The deeper concern in this case is the reason behind the class imbalance. It appears that that most users simply stop listening to a podcast they don't like without bothering to leave a negative review. Not only that, but people clearly don't just pick podcasts at random to listen to. Instead, there is a pre-selection: they follow a friend's recommendation, seek out podcasts on a particular topic or featuring a particular guest, and so on. Needless to say, users are unlikely to leave a review for a podcast they never listened to (although I am sure that a handful of people do).
All of this is to say:
- In explicit recommender systems missing ratings are viewed simply as missing information. However, it appears that there actually is some information given by the fact that a podcast wasn't rated by a user. Maybe we should think of missing ratings as suggesting a negative preference, but assigning low confidence to that preference. Some reasons why a missing rating potentially reveals a negative preference were given above. Namely, users are less likely to rate a podcast they don't like and many are even unlikely to listen to it in the first place. On the other hand, the confidence in this negative preference is low because the rating might be missing for a variety of other reasons. The most likely reason is that the user isn't even aware of that particular podcast's existence.
- Focusing mostly on the precise ratings (1 to 5 stars) is of limited value because users seem to be using the stars mostly to give a "thumbs up" (5 stars).
It turns out that there is an approach which seems to be perfectly suited to address the two issues above: implicit recommender systems. They are called implicit because they usually do not use (explicit) feedback given by the users. Instead they infer the preferences of users from their activity, such as how often a user has listened to a song on Spotify, or if a user has watched the entirety of a movie on Netflix. The fundamental change from explicit to implicit systems is that instead of giving ratings, users have preferences and those preferences are known to us with a certain confidence. What this allows us to do is to interpret the absence of activity (user didn't watch a particular movie) as a negative preference, but with low confidence.
Unfortunately, we don't have access to user activity, but the ratings (which are explicit feedback) can be made "implicit" with the following interpretation: high ratings (4 or 5 stars) correspond to positive preferences with high confidence, while missing ratings and all lower ratings (1 to 3 stars) correspond to negative preferences with low confidence. It is possible to treat low ratings separately from missing ratings but this doesn't seem to improve the results, maybe due to the low frequency of low ratings.
Alternating Least Squares
We will use the implicit
, a very fast recommender library written in Cython by Ben Frederickson. Specifically, we will use the Alternating Least Squares algorithm, or ALS. The ALS algorithm for implicit recommenders was introduced in this paper by Hu, Koren and Volinsky. I will not go into too much detail here, but a general explanation is outlined below. In addition to the original paper, I recommend reading this blog post, in which the algorithm is implemented in Python (although the implicit library is actually used for speed).

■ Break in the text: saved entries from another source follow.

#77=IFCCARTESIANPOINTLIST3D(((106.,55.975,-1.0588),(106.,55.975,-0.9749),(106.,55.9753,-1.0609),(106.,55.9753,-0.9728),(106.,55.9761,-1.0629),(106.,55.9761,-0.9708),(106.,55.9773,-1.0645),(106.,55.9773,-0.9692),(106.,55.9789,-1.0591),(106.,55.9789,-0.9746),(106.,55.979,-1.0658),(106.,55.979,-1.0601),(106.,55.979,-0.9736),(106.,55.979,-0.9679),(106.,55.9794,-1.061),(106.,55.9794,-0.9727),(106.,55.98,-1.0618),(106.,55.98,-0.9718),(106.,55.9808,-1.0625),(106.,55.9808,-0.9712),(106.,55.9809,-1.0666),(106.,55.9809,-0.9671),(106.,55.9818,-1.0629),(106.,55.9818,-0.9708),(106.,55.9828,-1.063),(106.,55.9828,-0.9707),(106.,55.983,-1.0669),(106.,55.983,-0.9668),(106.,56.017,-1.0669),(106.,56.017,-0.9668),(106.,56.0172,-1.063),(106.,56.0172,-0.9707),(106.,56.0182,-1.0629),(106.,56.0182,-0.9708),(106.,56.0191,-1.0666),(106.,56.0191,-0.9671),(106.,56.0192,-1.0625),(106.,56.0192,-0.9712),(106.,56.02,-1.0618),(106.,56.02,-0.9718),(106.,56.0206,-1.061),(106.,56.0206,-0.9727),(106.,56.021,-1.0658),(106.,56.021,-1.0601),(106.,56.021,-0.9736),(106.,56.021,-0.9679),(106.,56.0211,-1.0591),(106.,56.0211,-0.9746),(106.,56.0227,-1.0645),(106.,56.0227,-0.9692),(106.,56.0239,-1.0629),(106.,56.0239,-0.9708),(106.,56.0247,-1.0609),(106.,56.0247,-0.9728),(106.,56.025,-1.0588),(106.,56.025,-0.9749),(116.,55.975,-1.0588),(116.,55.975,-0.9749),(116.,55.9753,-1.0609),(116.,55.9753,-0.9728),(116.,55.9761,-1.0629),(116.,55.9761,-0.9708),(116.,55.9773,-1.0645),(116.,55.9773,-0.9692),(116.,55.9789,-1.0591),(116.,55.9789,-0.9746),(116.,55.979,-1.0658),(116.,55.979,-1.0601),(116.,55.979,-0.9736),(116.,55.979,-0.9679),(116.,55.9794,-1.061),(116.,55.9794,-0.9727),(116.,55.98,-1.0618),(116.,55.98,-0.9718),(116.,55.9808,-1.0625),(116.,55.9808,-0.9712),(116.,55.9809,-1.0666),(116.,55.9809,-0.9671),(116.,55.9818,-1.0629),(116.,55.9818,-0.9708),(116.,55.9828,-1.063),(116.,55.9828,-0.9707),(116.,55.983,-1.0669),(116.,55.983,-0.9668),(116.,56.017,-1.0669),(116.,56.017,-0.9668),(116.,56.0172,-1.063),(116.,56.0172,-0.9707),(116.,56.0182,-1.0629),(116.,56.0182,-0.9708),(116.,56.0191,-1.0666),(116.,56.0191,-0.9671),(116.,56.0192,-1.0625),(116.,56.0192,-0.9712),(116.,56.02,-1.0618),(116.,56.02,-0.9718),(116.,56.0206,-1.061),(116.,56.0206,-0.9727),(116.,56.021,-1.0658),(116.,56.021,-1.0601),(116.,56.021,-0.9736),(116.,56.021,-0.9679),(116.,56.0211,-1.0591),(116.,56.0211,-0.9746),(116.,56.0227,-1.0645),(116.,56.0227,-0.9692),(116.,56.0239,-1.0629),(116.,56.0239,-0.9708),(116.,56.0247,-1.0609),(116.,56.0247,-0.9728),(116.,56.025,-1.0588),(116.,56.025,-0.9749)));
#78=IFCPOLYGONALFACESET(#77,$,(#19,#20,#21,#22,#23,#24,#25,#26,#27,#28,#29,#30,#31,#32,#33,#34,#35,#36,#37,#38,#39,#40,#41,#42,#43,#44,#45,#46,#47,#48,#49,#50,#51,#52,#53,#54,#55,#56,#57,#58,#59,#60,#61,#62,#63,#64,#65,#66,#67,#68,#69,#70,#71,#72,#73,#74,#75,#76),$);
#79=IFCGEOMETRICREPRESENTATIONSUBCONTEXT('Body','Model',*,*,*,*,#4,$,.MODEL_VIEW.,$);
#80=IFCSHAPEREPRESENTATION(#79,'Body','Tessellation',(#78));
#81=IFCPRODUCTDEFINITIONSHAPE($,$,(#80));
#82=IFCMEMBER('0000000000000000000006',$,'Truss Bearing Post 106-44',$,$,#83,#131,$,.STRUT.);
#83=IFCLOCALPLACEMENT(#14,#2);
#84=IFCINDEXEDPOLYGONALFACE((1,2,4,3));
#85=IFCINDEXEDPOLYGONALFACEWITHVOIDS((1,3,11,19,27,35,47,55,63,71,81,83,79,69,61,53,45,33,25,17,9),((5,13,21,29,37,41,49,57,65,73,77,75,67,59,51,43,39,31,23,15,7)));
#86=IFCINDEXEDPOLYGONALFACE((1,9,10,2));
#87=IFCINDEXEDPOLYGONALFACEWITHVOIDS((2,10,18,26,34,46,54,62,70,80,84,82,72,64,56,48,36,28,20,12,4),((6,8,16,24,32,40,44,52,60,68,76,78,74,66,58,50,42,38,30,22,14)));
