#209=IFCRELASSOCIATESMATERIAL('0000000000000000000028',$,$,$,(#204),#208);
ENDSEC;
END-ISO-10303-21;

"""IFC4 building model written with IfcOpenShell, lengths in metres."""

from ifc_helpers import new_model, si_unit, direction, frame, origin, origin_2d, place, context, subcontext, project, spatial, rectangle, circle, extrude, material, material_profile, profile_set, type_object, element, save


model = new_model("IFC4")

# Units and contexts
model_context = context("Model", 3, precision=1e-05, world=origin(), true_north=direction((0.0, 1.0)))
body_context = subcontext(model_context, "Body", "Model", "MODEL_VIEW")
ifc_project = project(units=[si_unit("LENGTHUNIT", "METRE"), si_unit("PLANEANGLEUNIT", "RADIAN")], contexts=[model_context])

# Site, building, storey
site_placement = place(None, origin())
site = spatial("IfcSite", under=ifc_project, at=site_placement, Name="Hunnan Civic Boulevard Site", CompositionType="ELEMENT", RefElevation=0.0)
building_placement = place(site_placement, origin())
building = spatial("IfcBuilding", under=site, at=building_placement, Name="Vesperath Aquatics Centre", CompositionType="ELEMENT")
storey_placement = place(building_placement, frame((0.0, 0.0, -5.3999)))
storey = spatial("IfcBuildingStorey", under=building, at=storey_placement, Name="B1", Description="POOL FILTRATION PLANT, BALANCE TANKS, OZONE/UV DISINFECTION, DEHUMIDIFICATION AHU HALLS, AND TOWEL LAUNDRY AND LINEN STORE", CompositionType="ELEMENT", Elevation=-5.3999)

Here is a brief overview of the model we will use: Each user $u$ is assumed to have a preference $p_{ui}$ for podcast $i$ and we want to find latent factors $x_u$ and $y_i$ such that their inner product approximates the preference: $p_{ui} \approx x_u\cdot y_i$. More precisely, we want to find $x_u$ and $y_i$ which minimize the following cost function: $$ \sum_{u,i} c_{ui}(p_{ui} - x_u\cdot y_i)^2 + \lambda \left(\sum_u \|x_u\|^2 + \sum_i \|y_i\|^2\right) $$
The weights $c_{ui}$ are the confidence that we have in the respective preference $p_{ui}$. The higher the confidence, the more importance we give to approximating the particular preference $p_{ui}$ by $x_u\cdot y_i$. The summands multiplied by $\lambda$ are there to avoid overfitting.
If we hold constant the user vectors $x_u$, the cost function is quadratic in the podcast vectors $y_i$ and can be minimized efficiently. The same is true swapping $x_u$ and $y_i$. This where the Alternating Least Squares trick comes in: First compute the $y_i$ which minimize the cost function with $x_u$ held constant. Then fix $y_i$ at that (provisional) minimum and in turn find $x_u$ minimizing the resulting cost function. Amazingly, simply doing this back and forth several times yields pretty good results.
The Implicit Matrix
In order to feed our data to the implicit ALS model, we need to transform our table of explicit ratings into a matrix of implicit data. The entries of the matrix need to incorporate both the confidence factors $c_{ui}$ and the preference factors $p_{ui}$.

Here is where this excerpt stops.